16 de setembro de 2016

Ye. Guilherme Petreca (Veneta).

Este parece ser o maior livro do autor, terceiro a solo. Ye é um volume que quer abraçar de forma directa e concisa um género determinado, que englobará a fantasia, a aventura clássica (no sentido de movimento do herói), todo um percorrer por paisagens mais ou menos familiares por territórios consabidos da banda desenhada, a fábula antiga e, quem sabe, um entendimento contemporâneo de que não é sempre necessária a maior gravidade para conseguir tecer uma narrativa com um contorno de grande lição a um público mais jovem. Apesar da sua leveza, mesmo no sentido de Italo Calvino, no sentido em que opõe ao peso da vida a possibilidade de reflectir através de elementos oníricos e imaginativos, Ye é um livro que dispõe das suas estratégias expressivas da forma mais determinada e pensada possível. (Mais) 

Uma sinopse revelaria a linearidade da intriga, que é uma condição sine qua non da aventura. Apesar de começarmos, como desejam a epopeias, mesmo pequenas, in media res, acompanhamos o jovem mudo Ye (apenas diz a sílaba que perfaz o seu nome) na sua senda em busca de uma bruxa, Miranda, que vive na longínqua cidade de Esperanza. A razão dessa busca deve-se ao facto de o menino, de um vilarejo rural, ter sido “visitado” por pássaros de mau agoiro, representantes de um suposto “Rei sem cor”, que deixa a sua marca indelével nas suas vítimas. É essa viagem longa que faz a parte de leão do livro, com pequenos episódios divididos em partes que o fazem passar por piratas, um dos círculos polares, um circo, uma viagem de balão e, finalmente, como deseja a tipologia de J. Campbell, a “descida à barriga da baleia”, a sua “noite mais negra” em que, previsivelmente, Ye se defronta com os seus mais temíveis fantasmas internos.
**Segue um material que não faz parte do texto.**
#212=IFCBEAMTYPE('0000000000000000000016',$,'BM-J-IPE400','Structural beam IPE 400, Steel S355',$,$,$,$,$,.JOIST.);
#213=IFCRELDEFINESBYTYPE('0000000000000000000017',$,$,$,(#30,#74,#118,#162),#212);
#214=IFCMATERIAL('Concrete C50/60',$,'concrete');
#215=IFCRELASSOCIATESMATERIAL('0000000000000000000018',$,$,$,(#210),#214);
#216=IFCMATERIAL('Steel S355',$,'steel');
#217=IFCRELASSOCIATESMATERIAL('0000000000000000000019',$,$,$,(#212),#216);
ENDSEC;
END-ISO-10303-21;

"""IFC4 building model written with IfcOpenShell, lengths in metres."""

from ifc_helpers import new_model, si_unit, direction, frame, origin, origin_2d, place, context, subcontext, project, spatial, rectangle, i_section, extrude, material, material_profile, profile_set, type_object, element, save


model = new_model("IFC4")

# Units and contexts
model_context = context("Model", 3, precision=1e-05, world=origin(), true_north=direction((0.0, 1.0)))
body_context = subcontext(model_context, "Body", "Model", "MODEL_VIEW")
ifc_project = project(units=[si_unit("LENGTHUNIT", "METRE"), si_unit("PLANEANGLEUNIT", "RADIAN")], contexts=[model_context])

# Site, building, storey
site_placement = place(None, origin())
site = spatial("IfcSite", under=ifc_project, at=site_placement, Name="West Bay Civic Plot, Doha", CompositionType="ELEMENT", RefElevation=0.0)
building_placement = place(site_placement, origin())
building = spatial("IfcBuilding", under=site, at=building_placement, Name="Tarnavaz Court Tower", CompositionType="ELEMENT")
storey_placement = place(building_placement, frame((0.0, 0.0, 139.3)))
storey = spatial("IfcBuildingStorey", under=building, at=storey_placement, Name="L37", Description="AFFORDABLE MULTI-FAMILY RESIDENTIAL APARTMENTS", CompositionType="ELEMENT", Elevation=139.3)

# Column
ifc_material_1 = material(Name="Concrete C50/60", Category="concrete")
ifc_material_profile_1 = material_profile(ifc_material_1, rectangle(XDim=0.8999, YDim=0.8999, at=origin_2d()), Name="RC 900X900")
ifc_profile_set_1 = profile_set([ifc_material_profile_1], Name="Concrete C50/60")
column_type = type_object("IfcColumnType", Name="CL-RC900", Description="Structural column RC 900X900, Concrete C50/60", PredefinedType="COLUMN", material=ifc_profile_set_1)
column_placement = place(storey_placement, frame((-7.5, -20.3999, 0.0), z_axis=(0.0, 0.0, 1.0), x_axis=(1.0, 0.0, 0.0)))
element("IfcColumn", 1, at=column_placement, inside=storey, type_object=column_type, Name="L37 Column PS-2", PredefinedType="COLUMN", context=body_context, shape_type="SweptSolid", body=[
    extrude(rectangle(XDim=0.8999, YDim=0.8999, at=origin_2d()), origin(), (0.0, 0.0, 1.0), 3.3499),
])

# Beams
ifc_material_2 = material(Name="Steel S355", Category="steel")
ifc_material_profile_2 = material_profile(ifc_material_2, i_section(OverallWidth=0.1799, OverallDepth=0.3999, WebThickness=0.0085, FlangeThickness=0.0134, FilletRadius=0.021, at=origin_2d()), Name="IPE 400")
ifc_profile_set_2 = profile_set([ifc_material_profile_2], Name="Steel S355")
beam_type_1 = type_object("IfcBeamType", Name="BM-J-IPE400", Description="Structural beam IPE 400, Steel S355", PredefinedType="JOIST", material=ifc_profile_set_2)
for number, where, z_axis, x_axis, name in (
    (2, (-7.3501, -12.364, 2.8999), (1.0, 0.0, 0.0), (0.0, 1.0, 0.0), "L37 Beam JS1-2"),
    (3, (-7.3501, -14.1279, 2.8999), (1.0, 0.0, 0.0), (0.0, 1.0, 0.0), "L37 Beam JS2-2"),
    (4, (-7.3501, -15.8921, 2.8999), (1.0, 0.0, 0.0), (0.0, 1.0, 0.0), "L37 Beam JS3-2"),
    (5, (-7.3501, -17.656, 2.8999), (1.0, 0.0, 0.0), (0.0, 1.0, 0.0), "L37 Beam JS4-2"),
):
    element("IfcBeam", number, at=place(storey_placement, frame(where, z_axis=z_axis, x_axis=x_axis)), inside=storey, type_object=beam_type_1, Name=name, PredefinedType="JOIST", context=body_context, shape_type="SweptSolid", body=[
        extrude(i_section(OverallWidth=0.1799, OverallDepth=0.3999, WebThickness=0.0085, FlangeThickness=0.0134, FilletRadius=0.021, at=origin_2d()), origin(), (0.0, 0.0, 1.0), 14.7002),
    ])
A razão do interesse nesta história não está, todavia, nessa estrutura, que parte como uma célere e fixa seta, mas antes nos pormenores com que Petreca vai encastrando essa viagem. As personagens ricamente construídas com que Ye se cruza, a forma como o autor pensa a estabelece os espaços vários visitados, os diálogos que se encontram à volta de Ye (a sua participação é sempre limitada, mas constante e intensa) e os elementos que constroem este “mundo diegético” são de uma clareza e estímulo fortes. Mais surpreendente é ainda o facto acrescido de que Petreca trabalha a linha a perto-e-branco, recordando toda uma série de outros autores contemporâneos que une este trabalho plástico à temática, a de “desenhos negros para histórias claras” de um Tony Millionaire ou um Jeremy Bastian. Em muitos outros aspectos também, e não de somenos um certo imaginário popular, irmanará o autor brasileiro com a obra de banda desenhada e ilustração de Susa Monteiro.

Petreca oscila entre páginas barrocas, cheias de pormenores, objectos, marcas, num aturado trabalho cuja base parece ser o aparo, mas acompanhado de pincel, aguadas, talvez grafite e outras técnicas de manchas, e as pranchas quase despojadas, sobretudo nas partes “simbólicas” e “oníricas” que pautam a obra, usualmente ancorada na sua própria realidade.

A ancoragem, com efeito, não é feita de forma alguma em informações localizadas, nacionais, especificas, podendo ser algo que se passaria em qualquer parte do mundo, tirando partido das tais fórmulas clássicas e transversais. Mesmo as referências em espanhol, o galeão, a tenda de circo, as cartas de Tarot, etc., que é natural remeterem a quadros culturais específicos, parecem ser tratados antes numa sua dimensão mais universalista (ou pelo menos aquela forma com que circulam no mundo, o que não deixa, claro está, de ser sinal de um certo imperialismo mesmo no campo da imaginação), ambígua e transversal do que valendo pelo seu peso histórico. É nesse sentido que Ye se torna uma espécie de fábula ou conto folclórico hodierno.
Nota final: agradecimentos à editora pela oferta do livro.